Luca era quello che sapeva divertirsi, Francesco era quello che sapeva quando smettere di divertirsi, e la somma di questi due talenti li rendeva inseparabili. Condividevano tutto, gli studi, gli amici. Una volta, per un certo periodo, avevano condiviso anche la ragazza. Era finita quando lei si era accorta di non essere il vertice di quel triangolo cornificatorio, e li aveva mandati al diavolo riempiendoli di insulti.

"Che paese è questo?" chiese, mentre Francesco infilava monetine nel distributore. Il rumore degli spiccioli che cadeva era così forte da rimbombargli nella testa, e sembrava che, a parte loro due, la strada fosse deserta. Il bar della piazza era chiuso, con la serranda abbassata. Il rumore della lattina che cadeva nel vano gli parve un'esplosione.

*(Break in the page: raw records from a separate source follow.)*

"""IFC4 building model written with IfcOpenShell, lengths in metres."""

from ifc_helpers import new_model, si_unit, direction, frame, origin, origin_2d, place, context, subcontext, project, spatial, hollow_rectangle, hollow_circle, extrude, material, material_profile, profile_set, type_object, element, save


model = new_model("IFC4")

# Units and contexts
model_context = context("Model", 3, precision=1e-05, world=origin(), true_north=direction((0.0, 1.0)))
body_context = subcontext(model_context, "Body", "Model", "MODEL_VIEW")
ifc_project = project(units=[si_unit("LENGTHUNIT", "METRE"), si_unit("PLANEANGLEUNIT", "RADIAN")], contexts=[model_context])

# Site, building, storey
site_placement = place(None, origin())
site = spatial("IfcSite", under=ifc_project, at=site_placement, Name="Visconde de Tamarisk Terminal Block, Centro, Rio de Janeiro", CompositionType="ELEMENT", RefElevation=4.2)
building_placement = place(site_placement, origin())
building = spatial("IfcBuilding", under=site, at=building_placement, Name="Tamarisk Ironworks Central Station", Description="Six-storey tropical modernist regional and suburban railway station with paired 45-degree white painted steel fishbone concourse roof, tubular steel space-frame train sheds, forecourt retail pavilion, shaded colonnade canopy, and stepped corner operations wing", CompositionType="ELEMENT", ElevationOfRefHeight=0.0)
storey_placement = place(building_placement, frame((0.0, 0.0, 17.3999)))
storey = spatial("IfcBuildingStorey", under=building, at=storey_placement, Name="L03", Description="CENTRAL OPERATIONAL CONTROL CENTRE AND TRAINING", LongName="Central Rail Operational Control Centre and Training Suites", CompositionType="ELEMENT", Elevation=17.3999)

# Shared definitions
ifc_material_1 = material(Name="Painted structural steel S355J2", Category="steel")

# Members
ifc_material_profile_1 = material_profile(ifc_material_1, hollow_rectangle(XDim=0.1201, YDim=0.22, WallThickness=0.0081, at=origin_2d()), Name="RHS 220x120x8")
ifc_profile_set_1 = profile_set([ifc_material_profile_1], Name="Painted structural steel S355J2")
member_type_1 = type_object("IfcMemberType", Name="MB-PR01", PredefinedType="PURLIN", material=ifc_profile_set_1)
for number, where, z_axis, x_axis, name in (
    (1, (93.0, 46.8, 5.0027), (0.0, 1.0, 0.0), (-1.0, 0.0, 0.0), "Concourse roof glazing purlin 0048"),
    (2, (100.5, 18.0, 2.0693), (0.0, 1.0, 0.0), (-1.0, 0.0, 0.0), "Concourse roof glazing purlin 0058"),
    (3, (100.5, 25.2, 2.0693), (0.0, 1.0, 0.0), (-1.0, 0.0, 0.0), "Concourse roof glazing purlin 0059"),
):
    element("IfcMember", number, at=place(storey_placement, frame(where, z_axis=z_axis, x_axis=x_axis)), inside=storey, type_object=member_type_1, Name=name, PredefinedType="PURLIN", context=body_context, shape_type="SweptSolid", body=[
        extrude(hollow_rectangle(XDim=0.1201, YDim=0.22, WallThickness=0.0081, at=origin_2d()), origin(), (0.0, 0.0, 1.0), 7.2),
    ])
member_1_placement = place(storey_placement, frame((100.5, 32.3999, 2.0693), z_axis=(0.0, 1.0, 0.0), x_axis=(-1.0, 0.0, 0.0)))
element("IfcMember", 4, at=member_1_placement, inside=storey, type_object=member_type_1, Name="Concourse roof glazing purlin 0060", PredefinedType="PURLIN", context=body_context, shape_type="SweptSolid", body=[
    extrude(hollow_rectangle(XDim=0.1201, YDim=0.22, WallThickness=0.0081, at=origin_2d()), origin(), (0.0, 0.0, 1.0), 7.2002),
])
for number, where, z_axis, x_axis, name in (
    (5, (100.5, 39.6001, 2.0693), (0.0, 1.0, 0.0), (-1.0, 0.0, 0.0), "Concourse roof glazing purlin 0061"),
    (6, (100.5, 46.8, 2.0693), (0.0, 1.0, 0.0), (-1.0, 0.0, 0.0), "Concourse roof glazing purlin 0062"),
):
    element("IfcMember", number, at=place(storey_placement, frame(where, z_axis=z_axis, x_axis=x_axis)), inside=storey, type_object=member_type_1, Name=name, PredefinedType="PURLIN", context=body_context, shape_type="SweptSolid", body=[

"Sembra la terra dei fantasmi."

"Beh, siamo a tema, no?" Tirò fuori il cellulare. "Uuh, siamo nell'ora prima dell'alba, guarda che figata la luna nera del desktop!" Francesco aveva la mania di scaricarsi tutte le app più assurde, e visto che era Halloween, non aveva potuto rinunciare a quella che segnava la mezzanotte e il momento in cui gli spiriti tornavano sulla terra (uno per ogni ora), con tanto di icone tematiche. 

Gli mostrò la zucca diabolica che ghignava dal display. "Sì, è il momento perfetto per vedere i morti che resuscitano a molestare i vivi. Grande!"

"La pianti con le cazzate? Dove siamo?"

Francesco gli porse la lattina di Coca. "Dopo Calavi, una frazione. A quest'ora dormono tutti, che vuoi che facciano in giro, in 'sto mortorio. Mi pare che Lucia sia del posto, e quella non è un fantasma di sicuro." Mimò con le dita due cose grosse e soffici.

"A Lucia." brindò Luca, alzando la lattina con solennità sbronza.

Stava chiedendosi se avesse coordinazione sufficiente per accartocciare l'alluminio e lanciarlo dentro il lavatoio, quando sentirono un rombo di motore. Un'automobile superò la nebbia, passò oltre la piazzetta e sparì nella campagna.

"Bù." commentò Francesco. "Guarda, c'è anche il gatto nero."

Indicò col pollice un micione che, sulle erbacce dell'aiuola spartitraffico, si lisciava il pelo. Doveva essere domestico, perché quando si accorse della loro attenzione, inarcò la schiena, raddrizzò la coda e trotterellò deciso verso gli esseri umani. 

La Coca stava calmando un po' il magma che Luca aveva nello stomaco. Ah, sollievo. Francesco accarezzò il gatto, che si strusciava sull'uno e sull'altro, ronfando fusa sonore.